# Lethrinops sp. "red cap" Itungi (WC) video



## Johnathan (Oct 10, 2006)

*VIDEO(HD):*
http://www.youtube.com/watch?v=dflkUfzS ... r_embedded

Johnathan.


----------



## des (Mar 30, 2011)

Beautiful fish you have. Where can I get one other than Africa?! :lol:


----------



## Johnathan (Oct 10, 2006)

Thank u *des*.
Definitely worth the effort of finding it.


----------



## Johnathan (Oct 10, 2006)

*Additional video of this marvelous cichlid -*






Johnathan. :thumb:


----------



## SOU812 (Jun 11, 2013)

you really get beautiful africans,one of my favourite lethrinop species,keep up the good work,pm me if you ship to Toronto,Canada


----------



## cichlid-gal (Apr 27, 2012)

Exceptional and stunning.

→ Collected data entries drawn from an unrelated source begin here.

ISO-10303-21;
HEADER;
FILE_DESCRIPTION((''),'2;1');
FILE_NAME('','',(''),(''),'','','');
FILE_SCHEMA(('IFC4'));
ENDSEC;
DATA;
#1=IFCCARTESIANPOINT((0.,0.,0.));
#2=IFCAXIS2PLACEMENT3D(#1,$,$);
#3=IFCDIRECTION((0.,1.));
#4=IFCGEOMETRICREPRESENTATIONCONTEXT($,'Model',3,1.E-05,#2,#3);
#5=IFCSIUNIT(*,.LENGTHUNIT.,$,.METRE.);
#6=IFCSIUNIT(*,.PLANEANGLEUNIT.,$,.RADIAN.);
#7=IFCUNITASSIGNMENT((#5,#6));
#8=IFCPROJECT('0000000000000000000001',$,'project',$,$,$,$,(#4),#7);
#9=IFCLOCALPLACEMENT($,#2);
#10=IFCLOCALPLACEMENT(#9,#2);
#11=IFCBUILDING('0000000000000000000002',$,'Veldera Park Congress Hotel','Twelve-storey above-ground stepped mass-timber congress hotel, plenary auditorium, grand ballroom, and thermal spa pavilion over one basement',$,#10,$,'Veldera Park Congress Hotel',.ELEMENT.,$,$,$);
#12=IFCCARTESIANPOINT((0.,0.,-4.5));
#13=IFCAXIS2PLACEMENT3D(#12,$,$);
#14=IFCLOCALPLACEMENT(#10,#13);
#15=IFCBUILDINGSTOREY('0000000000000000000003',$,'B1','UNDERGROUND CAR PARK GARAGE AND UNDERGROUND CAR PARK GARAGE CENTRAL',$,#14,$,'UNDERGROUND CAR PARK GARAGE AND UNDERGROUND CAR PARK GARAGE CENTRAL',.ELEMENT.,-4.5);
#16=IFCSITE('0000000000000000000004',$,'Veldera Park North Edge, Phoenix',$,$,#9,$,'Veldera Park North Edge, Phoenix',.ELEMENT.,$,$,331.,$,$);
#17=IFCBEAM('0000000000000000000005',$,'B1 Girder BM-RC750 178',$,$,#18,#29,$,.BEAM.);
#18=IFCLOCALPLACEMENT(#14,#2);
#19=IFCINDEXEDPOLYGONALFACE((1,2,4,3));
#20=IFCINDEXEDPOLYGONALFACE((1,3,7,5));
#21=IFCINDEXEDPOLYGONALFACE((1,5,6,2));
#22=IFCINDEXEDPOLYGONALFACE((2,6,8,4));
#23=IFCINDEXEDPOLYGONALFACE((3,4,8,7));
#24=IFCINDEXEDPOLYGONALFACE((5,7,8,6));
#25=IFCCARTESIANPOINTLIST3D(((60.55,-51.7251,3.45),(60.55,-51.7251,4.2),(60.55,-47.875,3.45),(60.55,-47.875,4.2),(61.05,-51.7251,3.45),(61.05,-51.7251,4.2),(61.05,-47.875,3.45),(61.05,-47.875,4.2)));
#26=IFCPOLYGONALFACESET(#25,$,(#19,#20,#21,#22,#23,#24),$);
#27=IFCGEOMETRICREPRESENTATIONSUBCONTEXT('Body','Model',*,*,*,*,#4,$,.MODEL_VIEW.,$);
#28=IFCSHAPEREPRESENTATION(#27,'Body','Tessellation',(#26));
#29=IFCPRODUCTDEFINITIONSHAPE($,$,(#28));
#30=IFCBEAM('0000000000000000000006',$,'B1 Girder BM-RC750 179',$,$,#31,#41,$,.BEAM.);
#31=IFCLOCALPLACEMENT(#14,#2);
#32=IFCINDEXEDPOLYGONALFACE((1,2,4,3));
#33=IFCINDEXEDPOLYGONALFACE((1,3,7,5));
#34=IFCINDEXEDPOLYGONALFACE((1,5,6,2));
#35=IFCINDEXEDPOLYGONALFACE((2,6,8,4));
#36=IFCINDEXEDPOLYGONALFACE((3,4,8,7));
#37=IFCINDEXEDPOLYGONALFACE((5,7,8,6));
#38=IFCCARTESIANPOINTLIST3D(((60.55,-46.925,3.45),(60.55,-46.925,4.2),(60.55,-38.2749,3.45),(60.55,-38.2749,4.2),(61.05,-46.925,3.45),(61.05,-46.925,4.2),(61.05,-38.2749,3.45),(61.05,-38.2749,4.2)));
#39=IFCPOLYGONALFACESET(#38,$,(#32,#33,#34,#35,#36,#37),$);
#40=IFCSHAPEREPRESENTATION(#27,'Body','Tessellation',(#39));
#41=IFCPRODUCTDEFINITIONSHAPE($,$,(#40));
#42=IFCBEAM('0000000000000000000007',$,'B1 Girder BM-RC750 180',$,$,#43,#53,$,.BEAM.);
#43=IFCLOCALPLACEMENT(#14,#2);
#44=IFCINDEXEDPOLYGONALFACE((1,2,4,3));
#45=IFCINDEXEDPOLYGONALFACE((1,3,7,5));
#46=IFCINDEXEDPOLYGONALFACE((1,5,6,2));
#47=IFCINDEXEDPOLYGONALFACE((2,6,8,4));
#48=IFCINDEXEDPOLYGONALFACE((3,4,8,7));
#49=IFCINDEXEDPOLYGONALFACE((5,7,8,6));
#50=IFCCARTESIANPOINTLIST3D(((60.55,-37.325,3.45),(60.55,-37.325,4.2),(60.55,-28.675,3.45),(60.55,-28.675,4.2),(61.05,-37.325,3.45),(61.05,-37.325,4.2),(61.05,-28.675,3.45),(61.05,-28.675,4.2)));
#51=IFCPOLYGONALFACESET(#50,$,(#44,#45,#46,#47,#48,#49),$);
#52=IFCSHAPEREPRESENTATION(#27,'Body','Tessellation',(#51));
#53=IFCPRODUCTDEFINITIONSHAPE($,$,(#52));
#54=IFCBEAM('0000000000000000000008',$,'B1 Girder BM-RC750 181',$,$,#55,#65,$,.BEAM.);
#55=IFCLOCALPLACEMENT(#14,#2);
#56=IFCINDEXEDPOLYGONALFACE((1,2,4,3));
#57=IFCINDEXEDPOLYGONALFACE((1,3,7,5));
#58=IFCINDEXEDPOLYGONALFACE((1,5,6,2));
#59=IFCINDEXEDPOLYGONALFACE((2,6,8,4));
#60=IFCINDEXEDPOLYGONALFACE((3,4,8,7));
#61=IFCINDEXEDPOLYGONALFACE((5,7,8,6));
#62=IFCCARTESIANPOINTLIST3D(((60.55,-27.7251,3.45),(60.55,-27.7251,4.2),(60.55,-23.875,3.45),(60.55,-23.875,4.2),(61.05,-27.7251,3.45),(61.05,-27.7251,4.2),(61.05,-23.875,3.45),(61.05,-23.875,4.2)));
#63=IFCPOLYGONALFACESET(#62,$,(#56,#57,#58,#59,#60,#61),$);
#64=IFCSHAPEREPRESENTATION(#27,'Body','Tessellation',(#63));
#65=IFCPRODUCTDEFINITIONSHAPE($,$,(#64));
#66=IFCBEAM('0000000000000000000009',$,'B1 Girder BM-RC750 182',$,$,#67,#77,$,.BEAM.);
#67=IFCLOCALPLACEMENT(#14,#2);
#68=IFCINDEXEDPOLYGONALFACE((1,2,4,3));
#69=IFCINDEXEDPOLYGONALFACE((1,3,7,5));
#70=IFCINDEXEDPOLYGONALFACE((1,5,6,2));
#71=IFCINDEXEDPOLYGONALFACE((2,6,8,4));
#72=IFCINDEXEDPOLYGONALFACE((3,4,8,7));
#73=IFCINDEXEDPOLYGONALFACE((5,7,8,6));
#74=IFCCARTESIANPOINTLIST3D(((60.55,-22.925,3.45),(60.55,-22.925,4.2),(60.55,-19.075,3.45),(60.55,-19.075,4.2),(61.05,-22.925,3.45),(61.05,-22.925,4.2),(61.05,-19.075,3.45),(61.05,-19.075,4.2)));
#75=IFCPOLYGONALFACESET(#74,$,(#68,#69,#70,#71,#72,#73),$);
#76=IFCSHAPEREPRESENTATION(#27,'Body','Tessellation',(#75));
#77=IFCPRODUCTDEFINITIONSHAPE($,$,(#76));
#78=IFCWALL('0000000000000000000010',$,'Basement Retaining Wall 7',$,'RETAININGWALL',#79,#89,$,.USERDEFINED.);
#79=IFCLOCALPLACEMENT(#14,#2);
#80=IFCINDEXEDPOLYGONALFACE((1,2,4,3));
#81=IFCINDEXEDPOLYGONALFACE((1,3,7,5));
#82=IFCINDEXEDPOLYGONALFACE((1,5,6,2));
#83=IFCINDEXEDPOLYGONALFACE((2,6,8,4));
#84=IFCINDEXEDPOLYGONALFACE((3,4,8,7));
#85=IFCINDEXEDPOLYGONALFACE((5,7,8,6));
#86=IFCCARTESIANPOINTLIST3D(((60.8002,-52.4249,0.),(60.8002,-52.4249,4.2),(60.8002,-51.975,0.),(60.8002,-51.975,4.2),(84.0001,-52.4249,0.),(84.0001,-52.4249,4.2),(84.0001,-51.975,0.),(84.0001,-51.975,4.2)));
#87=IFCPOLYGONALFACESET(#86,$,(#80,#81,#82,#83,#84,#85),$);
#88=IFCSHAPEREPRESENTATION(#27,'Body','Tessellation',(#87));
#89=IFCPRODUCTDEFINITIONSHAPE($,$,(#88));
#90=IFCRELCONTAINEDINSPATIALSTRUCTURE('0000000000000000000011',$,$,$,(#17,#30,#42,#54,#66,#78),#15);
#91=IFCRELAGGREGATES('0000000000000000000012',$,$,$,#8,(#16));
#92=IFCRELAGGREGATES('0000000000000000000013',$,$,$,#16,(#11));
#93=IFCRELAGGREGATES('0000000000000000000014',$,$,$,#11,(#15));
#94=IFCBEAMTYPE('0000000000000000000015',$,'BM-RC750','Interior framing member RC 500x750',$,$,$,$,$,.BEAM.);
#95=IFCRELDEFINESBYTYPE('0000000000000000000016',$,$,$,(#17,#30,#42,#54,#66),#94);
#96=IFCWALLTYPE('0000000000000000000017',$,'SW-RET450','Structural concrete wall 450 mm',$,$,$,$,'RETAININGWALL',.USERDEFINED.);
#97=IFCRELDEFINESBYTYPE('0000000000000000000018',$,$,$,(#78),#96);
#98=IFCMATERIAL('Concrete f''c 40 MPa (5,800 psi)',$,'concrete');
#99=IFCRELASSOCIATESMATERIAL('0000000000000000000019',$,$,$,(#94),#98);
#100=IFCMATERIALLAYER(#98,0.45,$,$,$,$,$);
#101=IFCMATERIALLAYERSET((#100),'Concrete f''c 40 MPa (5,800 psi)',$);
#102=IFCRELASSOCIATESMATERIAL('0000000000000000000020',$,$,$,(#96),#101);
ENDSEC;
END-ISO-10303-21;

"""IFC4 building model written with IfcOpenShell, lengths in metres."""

from ifc_helpers import new_model, si_unit, direction, frame, frame_2d, origin, origin_2d, place, context, subcontext, project, spatial, rectangle, extrude, material, layer, layer_set, material_profile, profile_set, type_object, element, save


model = new_model("IFC4")

# Units and contexts
model_context = context("Model", 3, precision=1e-05, world=origin(), true_north=direction((0.0, 1.0)))
body_context = subcontext(model_context, "Body", "Model", "MODEL_VIEW")
ifc_project = project(units=[si_unit("LENGTHUNIT", "METRE"), si_unit("PLANEANGLEUNIT", "RADIAN")], contexts=[model_context])

# Site, building, storey
site_placement = place(None, origin())
site = spatial("IfcSite", under=ifc_project, at=site_placement, Name="Veldera Park North Edge, Phoenix", LongName="Veldera Park North Edge, Phoenix", CompositionType="ELEMENT", RefElevation=331.0)
building_placement = place(site_placement, origin())
building = spatial("IfcBuilding", under=site, at=building_placement, Name="Veldera Park Congress Hotel", Description="Twelve-storey above-ground stepped mass-timber congress hotel, plenary auditorium, grand ballroom, and thermal spa pavilion over one basement", LongName="Veldera Park Congress Hotel", CompositionType="ELEMENT")
storey_placement = place(building_placement, frame((0.0, 0.0, -4.5)))
storey = spatial("IfcBuildingStorey", under=building, at=storey_placement, Name="B1", Description="UNDERGROUND CAR PARK GARAGE AND UNDERGROUND CAR PARK GARAGE CENTRAL", LongName="UNDERGROUND CAR PARK GARAGE AND UNDERGROUND CAR PARK GARAGE CENTRAL", CompositionType="ELEMENT", Elevation=-4.5)

# Shared definitions
ifc_material_1 = material(Name="Concrete f'c 40 MPa (5,800 psi)", Category="concrete")

# Beams
ifc_material_profile_1 = material_profile(ifc_material_1, rectangle(XDim=0.5, YDim=0.75, at=origin_2d()), Name="RC 500x750")
ifc_profile_set_1 = profile_set([ifc_material_profile_1], Name="Concrete f'c 40 MPa (5,800 psi)")
beam_type = type_object("IfcBeamType", Name="BM-RC750", Description="Interior framing member RC 500x750", PredefinedType="BEAM", material=ifc_profile_set_1)
beam_1_placement = place(storey_placement, frame((60.8, -51.7251, 3.825), z_axis=(0.0, 1.0, 0.0), x_axis=(-1.0, 0.0, 0.0)))
element("IfcBeam", 1, at=beam_1_placement, inside=storey, type_object=beam_type, Name="B1 Girder BM-RC750 178", PredefinedType="BEAM", context=body_context, shape_type="SweptSolid", body=[
    extrude(rectangle(XDim=0.5, YDim=0.75, at=origin_2d()), origin(), (0.0, 0.0, 1.0), 3.8501),
])
beam_2_placement = place(storey_placement, frame((60.8, -46.925, 3.825), z_axis=(0.0, 1.0, 0.0), x_axis=(-1.0, 0.0, 0.0)))
element("IfcBeam", 2, at=beam_2_placement, inside=storey, type_object=beam_type, Name="B1 Girder BM-RC750 179", PredefinedType="BEAM", context=body_context, shape_type="SweptSolid", body=[
    extrude(rectangle(XDim=0.5, YDim=0.75, at=origin_2d()), origin(), (0.0, 0.0, 1.0), 8.6501),
])
beam_3_placement = place(storey_placement, frame((60.8, -37.325, 3.825), z_axis=(0.0, 1.0, 0.0), x_axis=(-1.0, 0.0, 0.0)))
element("IfcBeam", 3, at=beam_3_placement, inside=storey, type_object=beam_type, Name="B1 Girder BM-RC750 180", PredefinedType="BEAM", context=body_context, shape_type="SweptSolid", body=[
    extrude(rectangle(XDim=0.5, YDim=0.75, at=origin_2d()), origin(), (0.0, 0.0, 1.0), 8.6499),
])
for number, where, z_axis, x_axis, name in (
    (4, (60.8, -27.7251, 3.825), (0.0, 1.0, 0.0), (-1.0, 0.0, 0.0), "B1 Girder BM-RC750 181"),
    (5, (60.8, -22.925, 3.825), (0.0, 1.0, 0.0), (-1.0, 0.0, 0.0), "B1 Girder BM-RC750 182"),
):
    element("IfcBeam", number, at=place(storey_placement, frame(where, z_axis=z_axis, x_axis=x_axis)), inside=storey, type_object=beam_type, Name=name, PredefinedType="BEAM", context=body_context, shape_type="SweptSolid", body=[
        extrude(rectangle(XDim=0.5, YDim=0.75, at=origin_2d()), origin(), (0.0, 0.0, 1.0), 3.8501),
    ])

# Wall
ifc_layer = layer(ifc_material_1, 0.45)
ifc_layer_set = layer_set([ifc_layer], Name="Concrete f'c 40 MPa (5,800 psi)")
wall_type = type_object("IfcWallType", Name="SW-RET450", Description="Structural concrete wall 450 mm", ElementType="RETAININGWALL", PredefinedType="USERDEFINED", material=ifc_layer_set)
wall_placement = place(storey_placement, frame((60.8, -52.2, 0.0), z_axis=(0.0, 0.0, 1.0), x_axis=(1.0, 0.0, 0.0)))
element("IfcWall", 6, at=wall_placement, inside=storey, type_object=wall_type, Name="Basement Retaining Wall 7", ObjectType="RETAININGWALL", PredefinedType="USERDEFINED", context=body_context, shape_type="SweptSolid", body=[
    extrude(rectangle(XDim=23.2, YDim=0.45, at=frame_2d((11.6001, 0.0))), origin(), (0.0, 0.0, 1.0), 4.2),
])

save(model, "model.ifc")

Lovely fish.


----------



## Johnathan (Oct 10, 2006)

Thank you very much SOU812 & cichlid-gal :thumb: 
I will let you know :wink:


----------



## Johnathan (Oct 10, 2006)

*Another close-up video:*


----------



## Michael_S (Aug 18, 2013)

My cichlid dream is to have stunning fish as you have.


----------



## eeztropheus (Jan 10, 2010)

Pretty amazing!


----------



## Johnathan (Oct 10, 2006)

Thank you Michael & eez


----------



## Johnathan (Oct 10, 2006)

*A video of Lethrinops sp. "red cap" Itungi F1 juveniles, 6-9 cm, already breeding:*






Johnathan :thumb:


----------



## Iggy Newcastle (May 15, 2012)

Excellent! Definitely worth setting up a species only tank.


----------



## Johnathan (Oct 10, 2006)

Thanks Iggy!
Indeed, an amazing cichlid :thumb:


----------



## DrgRcr (Jun 23, 2009)

I've always had a thing for Red Caps ever since I saw a stunning, 6" wild male a few years ago. I acquired a nice group of 6 recently and they are coming into their own now. They are supposed to be from a very nice line of them, and I'm beginning to believe it. Here are a couple of shots.


----------



## audierou (Jul 25, 2012)

Very beautiful fish! Rewards from a tank that is taken care of!!


----------



## Kanorin (Apr 8, 2008)

Gorgeous fish!
Mind if I ask what size tank you breed these in, and what M:F ratios you keep?


----------



## Johnathan (Oct 10, 2006)

Very nice "red caps" *DrgRcr* 
Hi *Kanorin*,
Recommended ratio is 1m:2f, but 2 males in a tank is preferable. 70+ gallons , 1.2+ m long, 0.5-0.75 m width is better for them.


----------